0
Assume the coin is fair, so there are equal amount of probabilities for the choices.
There are two possible choices for a flip of a fair coin - either a head or a tail. The probability of getting a head is ½. Similarly, the probability of getting a tail is ½.
Use Binomial to work out this problem. You should get:
(5 choose 4)(½)4(½).
- (5 choose 4) indicates the total number of ways to obtain 4 tails in 5 flips.
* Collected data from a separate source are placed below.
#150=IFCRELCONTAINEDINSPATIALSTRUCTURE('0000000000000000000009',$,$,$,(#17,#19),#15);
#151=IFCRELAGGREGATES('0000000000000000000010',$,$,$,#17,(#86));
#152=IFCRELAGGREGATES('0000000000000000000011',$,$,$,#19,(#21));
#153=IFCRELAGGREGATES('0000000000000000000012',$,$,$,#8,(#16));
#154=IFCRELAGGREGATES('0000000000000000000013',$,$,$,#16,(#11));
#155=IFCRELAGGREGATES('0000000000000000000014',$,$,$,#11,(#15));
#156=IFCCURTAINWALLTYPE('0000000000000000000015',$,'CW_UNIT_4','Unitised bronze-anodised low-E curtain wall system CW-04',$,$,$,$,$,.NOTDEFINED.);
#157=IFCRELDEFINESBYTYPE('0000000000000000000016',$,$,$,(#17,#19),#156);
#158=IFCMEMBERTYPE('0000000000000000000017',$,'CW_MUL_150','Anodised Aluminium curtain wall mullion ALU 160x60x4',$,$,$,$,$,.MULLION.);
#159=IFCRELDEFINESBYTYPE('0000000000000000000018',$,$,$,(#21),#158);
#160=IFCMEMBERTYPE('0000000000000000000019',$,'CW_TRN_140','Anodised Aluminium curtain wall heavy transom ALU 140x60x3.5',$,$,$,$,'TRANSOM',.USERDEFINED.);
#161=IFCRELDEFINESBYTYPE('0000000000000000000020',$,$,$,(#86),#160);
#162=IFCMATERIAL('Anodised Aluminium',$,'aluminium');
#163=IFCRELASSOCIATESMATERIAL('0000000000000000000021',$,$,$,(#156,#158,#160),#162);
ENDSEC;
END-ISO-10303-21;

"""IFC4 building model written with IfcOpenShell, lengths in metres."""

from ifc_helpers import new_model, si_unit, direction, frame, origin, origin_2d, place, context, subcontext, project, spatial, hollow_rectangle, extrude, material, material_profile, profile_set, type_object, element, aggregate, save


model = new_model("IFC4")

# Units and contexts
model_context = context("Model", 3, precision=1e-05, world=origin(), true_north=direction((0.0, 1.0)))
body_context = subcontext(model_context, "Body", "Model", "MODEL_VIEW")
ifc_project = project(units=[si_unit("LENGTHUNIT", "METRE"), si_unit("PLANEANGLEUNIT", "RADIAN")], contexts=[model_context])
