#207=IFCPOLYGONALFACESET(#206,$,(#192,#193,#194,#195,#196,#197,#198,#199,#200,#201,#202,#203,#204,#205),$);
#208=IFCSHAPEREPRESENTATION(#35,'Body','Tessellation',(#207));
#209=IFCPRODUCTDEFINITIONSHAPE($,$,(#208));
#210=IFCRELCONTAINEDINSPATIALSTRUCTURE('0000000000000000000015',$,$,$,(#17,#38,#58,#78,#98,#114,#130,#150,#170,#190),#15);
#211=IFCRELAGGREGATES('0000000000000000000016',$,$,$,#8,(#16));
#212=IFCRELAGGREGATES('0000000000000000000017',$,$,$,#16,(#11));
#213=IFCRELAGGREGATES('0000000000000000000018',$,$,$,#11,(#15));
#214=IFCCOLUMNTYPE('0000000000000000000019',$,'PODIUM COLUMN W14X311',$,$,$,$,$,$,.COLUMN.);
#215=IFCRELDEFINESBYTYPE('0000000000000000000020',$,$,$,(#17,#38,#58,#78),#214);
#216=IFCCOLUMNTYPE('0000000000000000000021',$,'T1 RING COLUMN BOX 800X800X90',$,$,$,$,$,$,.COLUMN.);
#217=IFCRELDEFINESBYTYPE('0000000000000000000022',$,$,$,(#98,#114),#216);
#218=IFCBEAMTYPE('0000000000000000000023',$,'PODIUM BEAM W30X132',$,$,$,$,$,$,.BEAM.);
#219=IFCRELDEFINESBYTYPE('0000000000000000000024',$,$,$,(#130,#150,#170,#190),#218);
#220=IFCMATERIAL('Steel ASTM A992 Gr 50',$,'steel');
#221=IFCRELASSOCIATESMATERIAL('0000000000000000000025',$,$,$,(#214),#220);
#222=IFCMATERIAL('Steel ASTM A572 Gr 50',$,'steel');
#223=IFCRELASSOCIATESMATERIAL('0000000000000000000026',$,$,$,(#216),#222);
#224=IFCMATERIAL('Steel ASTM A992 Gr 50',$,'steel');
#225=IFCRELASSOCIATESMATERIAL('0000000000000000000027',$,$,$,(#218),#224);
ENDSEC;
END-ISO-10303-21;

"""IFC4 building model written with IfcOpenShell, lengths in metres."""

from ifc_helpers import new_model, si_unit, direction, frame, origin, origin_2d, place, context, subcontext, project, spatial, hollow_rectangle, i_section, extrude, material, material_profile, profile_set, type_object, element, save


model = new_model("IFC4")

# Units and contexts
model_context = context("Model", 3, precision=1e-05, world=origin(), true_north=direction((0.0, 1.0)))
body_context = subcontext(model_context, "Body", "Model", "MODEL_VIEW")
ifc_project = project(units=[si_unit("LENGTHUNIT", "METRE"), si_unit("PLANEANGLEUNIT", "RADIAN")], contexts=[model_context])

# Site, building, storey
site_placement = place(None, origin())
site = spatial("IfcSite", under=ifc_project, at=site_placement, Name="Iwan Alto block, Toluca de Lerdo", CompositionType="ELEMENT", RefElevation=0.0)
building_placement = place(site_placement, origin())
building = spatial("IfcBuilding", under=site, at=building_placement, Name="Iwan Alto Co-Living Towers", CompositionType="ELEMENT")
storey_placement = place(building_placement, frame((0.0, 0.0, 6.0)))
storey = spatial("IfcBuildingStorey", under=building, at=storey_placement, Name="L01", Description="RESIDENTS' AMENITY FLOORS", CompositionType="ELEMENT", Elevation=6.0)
- (½)4 indicates the probability of obtaining 4 tails.
- (½) indicates the probability of obtaining the remaining number of head.
Therefore, the probability is 5/32.
What else can I help you with?
What is the probability of obtaining exactly 4 tails from the 9 flips of the coin?
It is approx 0.2461
Suppose that you toss a coin and roll and die What is the probability of obtaining tails?
The probability to tossing a coin and obtaining tails is 0.5. Rolling a die has nothing to do with this outcome - it is unrelated.
What is the probability of getting 2 heads in a row followed by two tails on 4 flips of a coin?
1/16
If 3 fair coins are tossed what is the probability of getting exactly 2 tails?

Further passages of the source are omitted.